Yo me sentí exasperado por su serenidad. Le dije: «Eso no justifica nada, doctor. Usted no ha hecho otra cosa que una acción indigna dos veces; primero por las relaciones dentro de mí propia casa, después por el aborto.»

– Pero usted ha visto que hice todo lo que podía, coronel. Era lo más que podía hacer. Después, cuando vi que la cosa no tenía remedio, me dispuse a hablar con usted. Iba a hacerlo un día de éstos.

– Supongo que usted sabe que sí hay un remedio para esta clase de situaciones, cuando realmente se quiere lavar la afrenta. Usted sabe cuáles son los principios de quienes vivimos en esta casa -dije.

Y él dijo:

– No quiero ocasionarle ninguna molestia, coronel. Créamelo. Lo que iba a decirle era esto: me llevaré a la guajira a vivir en la casa que está desocupada en la esquina.

– En concubinato público, doctor -dije yo-. ¿Sabe lo que eso significa para nosotros?

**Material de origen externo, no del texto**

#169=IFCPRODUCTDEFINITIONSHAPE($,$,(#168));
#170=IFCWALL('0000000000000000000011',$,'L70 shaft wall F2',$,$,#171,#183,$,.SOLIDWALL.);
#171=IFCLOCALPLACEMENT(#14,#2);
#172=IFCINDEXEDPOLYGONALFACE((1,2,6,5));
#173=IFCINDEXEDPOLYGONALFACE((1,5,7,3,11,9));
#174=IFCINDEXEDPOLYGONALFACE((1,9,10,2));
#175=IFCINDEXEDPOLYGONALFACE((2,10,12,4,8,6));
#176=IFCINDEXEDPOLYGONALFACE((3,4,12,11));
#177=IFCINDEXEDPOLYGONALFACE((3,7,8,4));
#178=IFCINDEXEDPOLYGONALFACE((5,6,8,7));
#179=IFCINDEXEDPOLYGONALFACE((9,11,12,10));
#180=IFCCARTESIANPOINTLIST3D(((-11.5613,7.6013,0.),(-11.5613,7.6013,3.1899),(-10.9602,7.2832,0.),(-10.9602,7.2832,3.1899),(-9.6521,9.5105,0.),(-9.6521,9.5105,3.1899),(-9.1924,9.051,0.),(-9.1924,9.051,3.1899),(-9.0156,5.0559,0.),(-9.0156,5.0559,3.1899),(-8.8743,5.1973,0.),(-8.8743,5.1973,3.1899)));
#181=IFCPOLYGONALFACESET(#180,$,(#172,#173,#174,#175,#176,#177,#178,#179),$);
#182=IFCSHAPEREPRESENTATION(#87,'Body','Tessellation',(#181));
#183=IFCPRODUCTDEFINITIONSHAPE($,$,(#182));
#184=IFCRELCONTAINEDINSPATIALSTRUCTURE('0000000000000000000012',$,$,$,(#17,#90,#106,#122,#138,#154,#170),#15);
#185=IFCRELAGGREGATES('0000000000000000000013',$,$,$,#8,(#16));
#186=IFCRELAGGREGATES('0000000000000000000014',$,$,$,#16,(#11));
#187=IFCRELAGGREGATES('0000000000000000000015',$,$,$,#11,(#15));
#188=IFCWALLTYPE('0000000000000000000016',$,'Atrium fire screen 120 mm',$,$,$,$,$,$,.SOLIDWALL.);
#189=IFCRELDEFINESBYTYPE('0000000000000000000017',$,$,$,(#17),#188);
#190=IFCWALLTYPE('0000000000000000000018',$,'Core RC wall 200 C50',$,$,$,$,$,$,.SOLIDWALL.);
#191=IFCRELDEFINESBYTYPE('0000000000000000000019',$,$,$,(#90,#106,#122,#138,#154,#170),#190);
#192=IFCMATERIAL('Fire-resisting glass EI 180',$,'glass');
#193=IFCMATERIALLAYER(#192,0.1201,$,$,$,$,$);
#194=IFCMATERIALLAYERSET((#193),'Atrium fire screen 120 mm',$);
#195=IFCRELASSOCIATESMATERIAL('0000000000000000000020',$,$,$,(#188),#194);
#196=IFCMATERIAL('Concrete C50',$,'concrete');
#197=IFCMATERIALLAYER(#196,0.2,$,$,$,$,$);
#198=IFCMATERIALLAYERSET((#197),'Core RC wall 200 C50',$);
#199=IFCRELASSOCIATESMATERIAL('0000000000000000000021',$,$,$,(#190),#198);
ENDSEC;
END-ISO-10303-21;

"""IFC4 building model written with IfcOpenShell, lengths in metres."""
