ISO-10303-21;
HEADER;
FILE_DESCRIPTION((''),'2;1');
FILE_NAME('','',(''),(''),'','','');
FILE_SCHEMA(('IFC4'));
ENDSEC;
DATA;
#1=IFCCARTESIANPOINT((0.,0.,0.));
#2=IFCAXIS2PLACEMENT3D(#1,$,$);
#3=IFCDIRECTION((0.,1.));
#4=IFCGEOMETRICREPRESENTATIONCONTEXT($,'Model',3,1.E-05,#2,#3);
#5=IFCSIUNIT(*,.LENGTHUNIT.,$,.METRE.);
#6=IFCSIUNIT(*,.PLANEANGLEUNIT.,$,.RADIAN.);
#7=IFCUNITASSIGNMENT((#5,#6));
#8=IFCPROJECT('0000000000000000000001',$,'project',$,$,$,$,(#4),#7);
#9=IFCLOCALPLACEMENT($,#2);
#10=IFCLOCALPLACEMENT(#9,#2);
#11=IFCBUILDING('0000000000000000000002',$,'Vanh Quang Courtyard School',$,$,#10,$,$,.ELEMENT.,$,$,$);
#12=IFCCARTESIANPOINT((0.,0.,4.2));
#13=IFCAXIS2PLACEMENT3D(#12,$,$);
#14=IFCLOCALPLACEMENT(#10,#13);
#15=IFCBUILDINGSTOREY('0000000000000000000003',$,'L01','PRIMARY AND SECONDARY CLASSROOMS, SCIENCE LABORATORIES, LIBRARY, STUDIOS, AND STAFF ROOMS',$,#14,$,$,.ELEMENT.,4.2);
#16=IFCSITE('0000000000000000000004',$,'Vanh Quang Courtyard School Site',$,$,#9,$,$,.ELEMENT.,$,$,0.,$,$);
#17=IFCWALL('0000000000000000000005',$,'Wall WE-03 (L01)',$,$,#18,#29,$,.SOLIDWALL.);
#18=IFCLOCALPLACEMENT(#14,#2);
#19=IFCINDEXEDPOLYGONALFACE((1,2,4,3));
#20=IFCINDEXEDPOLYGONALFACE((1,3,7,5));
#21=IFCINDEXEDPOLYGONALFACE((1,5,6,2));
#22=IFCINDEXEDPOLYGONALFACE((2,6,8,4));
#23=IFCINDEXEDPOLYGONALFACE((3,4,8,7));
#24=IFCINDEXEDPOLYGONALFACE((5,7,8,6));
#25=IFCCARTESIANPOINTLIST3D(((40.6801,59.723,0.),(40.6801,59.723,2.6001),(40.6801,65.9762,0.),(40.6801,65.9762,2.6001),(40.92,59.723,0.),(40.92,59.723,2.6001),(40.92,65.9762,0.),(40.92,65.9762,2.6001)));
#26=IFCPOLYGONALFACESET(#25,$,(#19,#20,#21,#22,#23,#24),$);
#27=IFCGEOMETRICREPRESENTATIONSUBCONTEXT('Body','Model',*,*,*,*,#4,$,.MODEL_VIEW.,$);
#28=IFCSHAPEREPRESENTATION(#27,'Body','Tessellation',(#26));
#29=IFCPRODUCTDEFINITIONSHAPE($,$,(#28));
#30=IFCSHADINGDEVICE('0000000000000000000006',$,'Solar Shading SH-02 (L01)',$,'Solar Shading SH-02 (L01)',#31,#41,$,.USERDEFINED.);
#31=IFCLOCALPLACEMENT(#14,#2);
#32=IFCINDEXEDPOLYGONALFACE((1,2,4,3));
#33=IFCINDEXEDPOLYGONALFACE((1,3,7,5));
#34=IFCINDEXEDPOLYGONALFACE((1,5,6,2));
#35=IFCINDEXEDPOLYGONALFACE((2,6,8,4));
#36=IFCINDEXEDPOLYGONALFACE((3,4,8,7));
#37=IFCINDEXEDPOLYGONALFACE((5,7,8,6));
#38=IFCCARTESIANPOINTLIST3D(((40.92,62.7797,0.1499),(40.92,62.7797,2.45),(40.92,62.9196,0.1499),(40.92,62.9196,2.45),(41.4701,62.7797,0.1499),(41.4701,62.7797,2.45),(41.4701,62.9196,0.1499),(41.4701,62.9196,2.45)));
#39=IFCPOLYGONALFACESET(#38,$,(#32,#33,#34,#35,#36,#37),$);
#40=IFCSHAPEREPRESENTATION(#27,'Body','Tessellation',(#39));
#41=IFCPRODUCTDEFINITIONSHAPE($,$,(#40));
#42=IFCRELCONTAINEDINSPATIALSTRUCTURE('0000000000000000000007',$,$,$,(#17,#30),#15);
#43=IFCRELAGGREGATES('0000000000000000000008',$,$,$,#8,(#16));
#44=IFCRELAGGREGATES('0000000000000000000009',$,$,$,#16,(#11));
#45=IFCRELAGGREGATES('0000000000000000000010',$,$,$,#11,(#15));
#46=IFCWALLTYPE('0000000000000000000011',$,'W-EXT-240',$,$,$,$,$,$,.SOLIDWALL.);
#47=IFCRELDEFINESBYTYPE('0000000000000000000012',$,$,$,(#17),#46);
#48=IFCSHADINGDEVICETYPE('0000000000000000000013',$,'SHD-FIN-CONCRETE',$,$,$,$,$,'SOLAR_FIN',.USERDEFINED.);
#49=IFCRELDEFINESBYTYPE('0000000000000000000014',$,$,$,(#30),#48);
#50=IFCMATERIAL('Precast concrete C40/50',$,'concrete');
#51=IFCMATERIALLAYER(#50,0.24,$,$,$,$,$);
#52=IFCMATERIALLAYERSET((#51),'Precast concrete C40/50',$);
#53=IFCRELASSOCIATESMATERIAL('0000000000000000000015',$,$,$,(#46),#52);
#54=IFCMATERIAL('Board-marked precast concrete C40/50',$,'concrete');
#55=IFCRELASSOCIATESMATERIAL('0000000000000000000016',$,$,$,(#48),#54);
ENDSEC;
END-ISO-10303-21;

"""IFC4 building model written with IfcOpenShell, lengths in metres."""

from ifc_helpers import new_model, si_unit, direction, frame, frame_2d, origin, origin_2d, place, context, subcontext, project, spatial, rectangle, extrude, material, layer, layer_set, type_object, element, save


model = new_model("IFC4")

# Units and contexts
model_context = context("Model", 3, precision=1e-05, world=origin(), true_north=direction((0.0, 1.0)))
body_context = subcontext(model_context, "Body", "Model", "MODEL_VIEW")
ifc_project = project(units=[si_unit("LENGTHUNIT", "METRE"), si_unit("PLANEANGLEUNIT", "RADIAN")], contexts=[model_context])

# Site, building, storey
site_placement = place(None, origin())
site = spatial("IfcSite", under=ifc_project, at=site_placement, Name="Vanh Quang Courtyard School Site", CompositionType="ELEMENT", RefElevation=0.0)
building_placement = place(site_placement, origin())
building = spatial("IfcBuilding", under=site, at=building_placement, Name="Vanh Quang Courtyard School", CompositionType="ELEMENT")
storey_placement = place(building_placement, frame((0.0, 0.0, 4.2)))
storey = spatial("IfcBuildingStorey", under=building, at=storey_placement, Name="L01", Description="PRIMARY AND SECONDARY CLASSROOMS, SCIENCE LABORATORIES, LIBRARY, STUDIOS, AND STAFF ROOMS", CompositionType="ELEMENT", Elevation=4.2)

# Wall
ifc_material_1 = material(Name="Precast concrete C40/50", Category="concrete")
ifc_layer_1 = layer(ifc_material_1, 0.24)
ifc_layer_set_1 = layer_set([ifc_layer_1], Name="Precast concrete C40/50")
wall_type = type_object("IfcWallType", Name="W-EXT-240", PredefinedType="SOLIDWALL", material=ifc_layer_set_1)
wall_placement = place(storey_placement, frame((40.8, 65.9761, 0.0), z_axis=(0.0, 0.0, 1.0), x_axis=(0.0, -1.0, 0.0)))
element("IfcWall", 1, at=wall_placement, inside=storey, type_object=wall_type, Name="Wall WE-03 (L01)", PredefinedType="SOLIDWALL", context=body_context, shape_type="SweptSolid", body=[
    extrude(rectangle(XDim=6.2532, YDim=0.24, at=frame_2d((3.1265, 0.0))), origin(), (0.0, 0.0, 1.0), 2.6001),
])

# Shading device
ifc_material_2 = material(Name="Board-marked precast concrete C40/50", Category="concrete")
shading_device_type = type_object("IfcShadingDeviceType", Name="SHD-FIN-CONCRETE", ElementType="SOLAR_FIN", PredefinedType="USERDEFINED", material=ifc_material_2)
shading_device_placement = place(storey_placement, frame((41.1951, 62.8496, 0.1499), z_axis=(0.0, 0.0, 1.0), x_axis=(0.0, -1.0, 0.0)))
element("IfcShadingDevice", 2, at=shading_device_placement, inside=storey, type_object=shading_device_type, Name="Solar Shading SH-02 (L01)", ObjectType="Solar Shading SH-02 (L01)", PredefinedType="USERDEFINED", context=body_context, shape_type="SweptSolid", body=[
    extrude(rectangle(XDim=0.1399, YDim=0.55, at=origin_2d()), origin(), (0.0, 0.0, 1.0), 2.3),
])

save(model, "model.ifc")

Él retornó entonces al catre. Se sentó, se inclinó hacia adelante y habló con los codos apoyados en los muslos. Su acento se tornó diferente. Al principio era frío. Ahora empezaba a ser cruel y desafiante. Dijo:

– Estoy proponiéndole la única solución que no le crearía a usted ninguna incomodidad, coronel. La otra sería decir que el hijo no es mío.

– Meme lo diría -dije yo. Empezaba a sentirme indignado. Su manera de expresarse, ahora resultaba demasiado desafiante y agresiva para que yo la recibiera con serenidad. Pero él, duro, implacable, dijo:

Créame con absoluta seguridad que Meme no lo diría. Porque estoy seguro de eso le digo

que me la llevaré a la esquina, sólo para evitarle inconvenientes a usted. Nada más, coronel.

Con tanta seguridad se había atrevido a negar que Meme pudiera atribuirle la paternidad de su hijo, que me sentí ahora sí desconcertado. Algo me hacía pensar que su fuerza estaba arraigada mucho más abajo de las palabras.

Dije:

– Nosotros confiamos en Meme como en nuestra hija, doctor. En este caso, ella estaría de nuestra parte.

– Si usted supiera lo que yo sé, no hablaría en esa forma, coronel. Perdone que se lo diga así, pera si usted compara a la india con su hija, ofende a su hija.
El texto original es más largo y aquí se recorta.